I have a data frame with two columns of strings
x <- data.frame(a = c("HH UH D", "L EH . M IH N", "EH K . S AE M . P EL"),
b = c("HH UH F", "L IY . V IH NG", "S AE M . P EL"))
I am trying to calculate the number of times the characters in column b, row 1 match the characters in column a, row 1. Then column b, row 2 to column a, row 2, etc. Then adding this count as a new column. So the output of this calculation would be something like:
x <- data.frame(a = c("HH UH D", "L EH . M IH N", "EH K . S AE M . P EL"),
b = c("HH UH F", "L IY . V IH NG", "S AE M . P EL"),
c = c(2, 2, 5)) # HH and UH match, so 2
# L and IH match, so 2
# S, AE, M, P, and EL all match, so 5
I have tried using something like this:
a_characters <- str_split(x$a, " ")
b_characters <- str_split(x$b, " ")
stringcounting <- data.frame()
for (letter in b_characters){
count <- str_count(a_characters, letter)
sum_count <- sum(count)
stringcounting <- rbind(stringcounting, sum_count)
}
But the result here is: 1, 50, 20 rather than 2, 2, 5 (no sense as to why).
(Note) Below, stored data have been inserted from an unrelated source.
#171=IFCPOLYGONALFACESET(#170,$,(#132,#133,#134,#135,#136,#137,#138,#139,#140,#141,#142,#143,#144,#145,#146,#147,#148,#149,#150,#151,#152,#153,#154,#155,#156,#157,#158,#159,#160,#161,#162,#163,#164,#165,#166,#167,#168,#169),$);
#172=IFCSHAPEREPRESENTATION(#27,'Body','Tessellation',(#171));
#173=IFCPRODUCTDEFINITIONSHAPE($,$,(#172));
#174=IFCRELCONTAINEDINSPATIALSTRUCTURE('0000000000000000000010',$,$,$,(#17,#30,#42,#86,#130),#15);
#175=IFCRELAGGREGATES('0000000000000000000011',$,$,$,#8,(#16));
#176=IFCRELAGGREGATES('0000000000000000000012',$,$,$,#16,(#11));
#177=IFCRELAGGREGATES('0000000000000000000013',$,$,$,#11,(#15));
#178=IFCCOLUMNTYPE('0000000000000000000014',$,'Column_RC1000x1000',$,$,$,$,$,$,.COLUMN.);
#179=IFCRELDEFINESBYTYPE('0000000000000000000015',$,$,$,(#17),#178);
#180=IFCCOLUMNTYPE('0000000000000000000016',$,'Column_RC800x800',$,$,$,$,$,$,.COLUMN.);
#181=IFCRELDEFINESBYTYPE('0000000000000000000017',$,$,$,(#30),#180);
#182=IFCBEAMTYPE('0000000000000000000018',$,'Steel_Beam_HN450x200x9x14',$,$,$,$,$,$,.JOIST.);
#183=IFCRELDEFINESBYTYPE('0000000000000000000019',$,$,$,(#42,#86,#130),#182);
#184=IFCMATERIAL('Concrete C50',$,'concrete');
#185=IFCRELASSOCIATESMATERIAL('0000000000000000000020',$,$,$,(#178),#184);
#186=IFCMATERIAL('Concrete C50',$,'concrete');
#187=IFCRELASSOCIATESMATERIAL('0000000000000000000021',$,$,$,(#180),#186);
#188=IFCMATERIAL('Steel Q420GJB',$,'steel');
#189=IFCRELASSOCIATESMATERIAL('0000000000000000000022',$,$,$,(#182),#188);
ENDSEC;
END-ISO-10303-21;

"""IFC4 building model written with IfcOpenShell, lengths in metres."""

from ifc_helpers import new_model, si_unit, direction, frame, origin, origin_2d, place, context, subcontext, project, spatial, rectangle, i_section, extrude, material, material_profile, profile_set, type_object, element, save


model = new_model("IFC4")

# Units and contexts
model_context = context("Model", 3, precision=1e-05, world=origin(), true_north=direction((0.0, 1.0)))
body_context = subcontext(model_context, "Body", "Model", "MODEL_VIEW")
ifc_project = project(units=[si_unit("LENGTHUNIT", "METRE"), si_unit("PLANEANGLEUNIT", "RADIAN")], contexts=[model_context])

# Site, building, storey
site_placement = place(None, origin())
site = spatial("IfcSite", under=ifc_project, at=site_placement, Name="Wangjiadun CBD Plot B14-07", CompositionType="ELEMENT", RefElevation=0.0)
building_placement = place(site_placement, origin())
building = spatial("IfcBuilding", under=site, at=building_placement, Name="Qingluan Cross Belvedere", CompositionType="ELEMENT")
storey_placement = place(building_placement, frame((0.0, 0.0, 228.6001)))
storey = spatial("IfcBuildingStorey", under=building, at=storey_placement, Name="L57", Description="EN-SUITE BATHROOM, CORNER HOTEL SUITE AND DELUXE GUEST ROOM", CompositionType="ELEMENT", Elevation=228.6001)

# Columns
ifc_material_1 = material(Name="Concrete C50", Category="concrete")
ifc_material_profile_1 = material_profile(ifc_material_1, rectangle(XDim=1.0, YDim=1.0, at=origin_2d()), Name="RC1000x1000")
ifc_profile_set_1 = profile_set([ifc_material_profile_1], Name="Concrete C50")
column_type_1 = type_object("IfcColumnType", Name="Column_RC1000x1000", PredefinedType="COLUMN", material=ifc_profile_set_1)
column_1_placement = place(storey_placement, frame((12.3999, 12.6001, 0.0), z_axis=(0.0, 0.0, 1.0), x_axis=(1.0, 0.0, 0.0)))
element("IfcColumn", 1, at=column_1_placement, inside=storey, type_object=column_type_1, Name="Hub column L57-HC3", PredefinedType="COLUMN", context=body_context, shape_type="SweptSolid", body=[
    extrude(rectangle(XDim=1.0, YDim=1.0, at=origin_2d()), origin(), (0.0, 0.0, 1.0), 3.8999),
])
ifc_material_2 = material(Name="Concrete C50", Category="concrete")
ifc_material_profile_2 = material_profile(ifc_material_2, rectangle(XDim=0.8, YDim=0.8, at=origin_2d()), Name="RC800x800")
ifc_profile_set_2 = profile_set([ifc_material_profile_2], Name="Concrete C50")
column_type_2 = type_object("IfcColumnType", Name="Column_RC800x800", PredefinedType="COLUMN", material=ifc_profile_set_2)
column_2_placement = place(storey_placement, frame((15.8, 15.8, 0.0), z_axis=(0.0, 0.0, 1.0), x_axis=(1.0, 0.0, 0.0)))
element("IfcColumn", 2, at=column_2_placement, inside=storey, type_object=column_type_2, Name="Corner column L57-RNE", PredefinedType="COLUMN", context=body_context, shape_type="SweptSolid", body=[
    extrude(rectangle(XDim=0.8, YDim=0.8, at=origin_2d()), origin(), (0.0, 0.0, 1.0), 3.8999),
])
I imagine something is going wrong in my for-loop and also likely in the way I've split my strings into characters, but I'm not sure what.
We can remove "."
after splitting the string since we don't want to compare that and calculate matching strings using %in%
and sum
.
mapply(function(x, y) sum(x[x != "."] %in% y[y!= "."]),
a_characters, b_characters)
#[1] 2 2 5